In that column I went on to add that: “it must take a special kind of fortitude to wake up every day and look forward to the kind of work he has. But work he must until the elections are concluded because the future of Nigeria literarily depends on how successful Jega and his foot soldiers at INEC perform in the upcoming presidential and governorship elections.”

Four months after that piece, Jega’s tenure at INEC has ended on a triumphant note. This comes after he delivered a successful election that witnessed a first-ever transfer of power from one political party to another despite unfounded widespread trepidation that Nigeria was on the precipice.

Jega rode into the sunset at the end of last month to begin another chapter in a storied professional career that includes stints as the vice chancellor of Bayero University in Kano, a one-time president of the Academic Staff Union of Universities, and a member of the Justice Mohammed Uwais Electoral Reform Committee.

In terms of all his professional challenges nothing could have been more daunting than the task of steering INEC this year through what many consider Nigeria’s most important political transition. Having taken over in 2010 from Maurice Iwu, who conducted the shoddy and highly flawed polls in 2007; Jega built on the gains he made in 2011 by introducing several enhancements including the biometric permanent voter card and the card reader machines for the 2015 elections.

These two new features essentially curtailed the rampant fraudulent practices that had become the hallmark of previous elections, and elevated Jega’s stature among the many technocrats and professionals who have been assigned the task of staging elections in Nigeria. And there have been quite a few electoral commissioners beginning from the very first post-independence Nigerian commissioner Eyo Esua in 1964.

Where many of his predecessors have struggled or failed in the quest for credible elections, Jega excelled. And so now he has raised the bar for his successor.
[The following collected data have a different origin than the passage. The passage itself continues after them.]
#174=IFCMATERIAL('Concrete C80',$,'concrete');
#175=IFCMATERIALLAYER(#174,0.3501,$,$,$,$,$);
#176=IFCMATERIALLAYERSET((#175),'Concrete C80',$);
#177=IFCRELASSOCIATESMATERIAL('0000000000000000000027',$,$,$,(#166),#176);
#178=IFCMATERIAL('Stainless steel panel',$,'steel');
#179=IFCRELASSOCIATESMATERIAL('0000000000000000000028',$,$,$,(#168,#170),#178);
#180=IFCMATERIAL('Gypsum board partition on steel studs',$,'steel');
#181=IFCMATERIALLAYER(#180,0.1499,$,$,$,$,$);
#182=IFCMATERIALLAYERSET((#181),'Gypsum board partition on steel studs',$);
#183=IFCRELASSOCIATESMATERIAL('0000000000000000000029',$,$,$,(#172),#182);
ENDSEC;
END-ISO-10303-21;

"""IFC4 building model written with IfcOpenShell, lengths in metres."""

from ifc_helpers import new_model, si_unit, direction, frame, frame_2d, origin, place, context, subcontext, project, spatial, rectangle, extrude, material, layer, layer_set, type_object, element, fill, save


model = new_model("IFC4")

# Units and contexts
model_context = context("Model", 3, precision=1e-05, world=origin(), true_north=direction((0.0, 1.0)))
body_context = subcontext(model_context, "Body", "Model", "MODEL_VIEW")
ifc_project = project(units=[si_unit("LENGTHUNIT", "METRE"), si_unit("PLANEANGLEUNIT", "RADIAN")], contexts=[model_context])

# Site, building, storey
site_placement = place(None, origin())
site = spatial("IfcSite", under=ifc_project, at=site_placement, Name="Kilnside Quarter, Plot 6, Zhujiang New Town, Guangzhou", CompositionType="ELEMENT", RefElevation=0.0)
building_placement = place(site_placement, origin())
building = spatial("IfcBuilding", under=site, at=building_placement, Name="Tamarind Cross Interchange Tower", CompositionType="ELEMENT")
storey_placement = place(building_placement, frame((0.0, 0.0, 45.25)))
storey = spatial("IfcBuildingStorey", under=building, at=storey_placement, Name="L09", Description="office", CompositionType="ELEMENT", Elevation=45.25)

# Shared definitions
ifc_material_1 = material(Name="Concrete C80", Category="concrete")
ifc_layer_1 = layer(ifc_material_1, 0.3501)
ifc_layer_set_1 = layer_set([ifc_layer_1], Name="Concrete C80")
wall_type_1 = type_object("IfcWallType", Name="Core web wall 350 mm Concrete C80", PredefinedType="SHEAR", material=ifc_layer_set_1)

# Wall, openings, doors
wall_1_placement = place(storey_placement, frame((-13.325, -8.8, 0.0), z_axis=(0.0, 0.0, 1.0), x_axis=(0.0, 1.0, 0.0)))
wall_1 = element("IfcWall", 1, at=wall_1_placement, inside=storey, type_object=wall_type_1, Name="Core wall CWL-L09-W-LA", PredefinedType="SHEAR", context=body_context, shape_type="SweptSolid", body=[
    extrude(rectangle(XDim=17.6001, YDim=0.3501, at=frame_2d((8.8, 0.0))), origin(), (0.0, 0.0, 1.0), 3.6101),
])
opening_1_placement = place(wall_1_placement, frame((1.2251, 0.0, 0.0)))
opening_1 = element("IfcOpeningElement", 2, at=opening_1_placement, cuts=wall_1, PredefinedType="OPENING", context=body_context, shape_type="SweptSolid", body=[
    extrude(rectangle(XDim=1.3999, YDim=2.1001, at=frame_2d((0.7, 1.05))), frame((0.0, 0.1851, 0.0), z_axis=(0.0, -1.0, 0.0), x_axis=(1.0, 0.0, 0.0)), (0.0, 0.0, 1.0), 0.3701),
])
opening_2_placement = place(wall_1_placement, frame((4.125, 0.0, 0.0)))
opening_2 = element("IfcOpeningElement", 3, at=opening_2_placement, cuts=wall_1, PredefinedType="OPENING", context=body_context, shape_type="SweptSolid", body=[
Soon after Jega’s exit President Muhammadu Buhari appointed the first female INEC head in the person of Amina Bala-Zakari on an interim basis. Because her tenure as a national electoral commissioner at INEC is also due to end soon (on July 21, 2015) it is not certain how long Zakari will be at the helm.

This means that the search is still on for a long-term replacement for Jega. Whoever ends up as the permanent INEC chairman through 2019 must not only match Jega’s competence, non-partisanship, composure (remember Godsday Orubebe!) and integrity. They must implement more innovation ahead of the next general elections. For instance, it will not be too much to ask that the National Identification Number, NIN, which the National Identity Management Commission, NIMC, will make mandatory for all Nigerians by September 1 this year, be integrated into the INEC system as another safeguard against electoral fraud.

The new INEC chairman must also consider integrating Nigerians in the Diaspora into the electoral process for the 2019 elections. In addition to placing emphasis on a robust voter-education system to tackle apathy, the new chairman should also seek ways to avoid a repeat of some of the logistical nightmares that bedevilled the process during the elections in March and April. These ranged from late arrival of polling materials, problems in transporting materials to election stations and poorly trained ad-hoc staff at some of the polling stations.

Perhaps, one of the most important tasks for the new INEC chairman will be to push for the passage of the Uwais report on Electoral Reform. Submitted in December 2008, this report is now gathering dust because of inaction on the part of the federal government and the National Assembly.

In addition to recommending that the INEC chairman should be appointed by the judiciary instead of the president, the Uwais commission also proposed the set up of commissions to deal with electoral offences, constituency delimitation and political parties registration and regulation.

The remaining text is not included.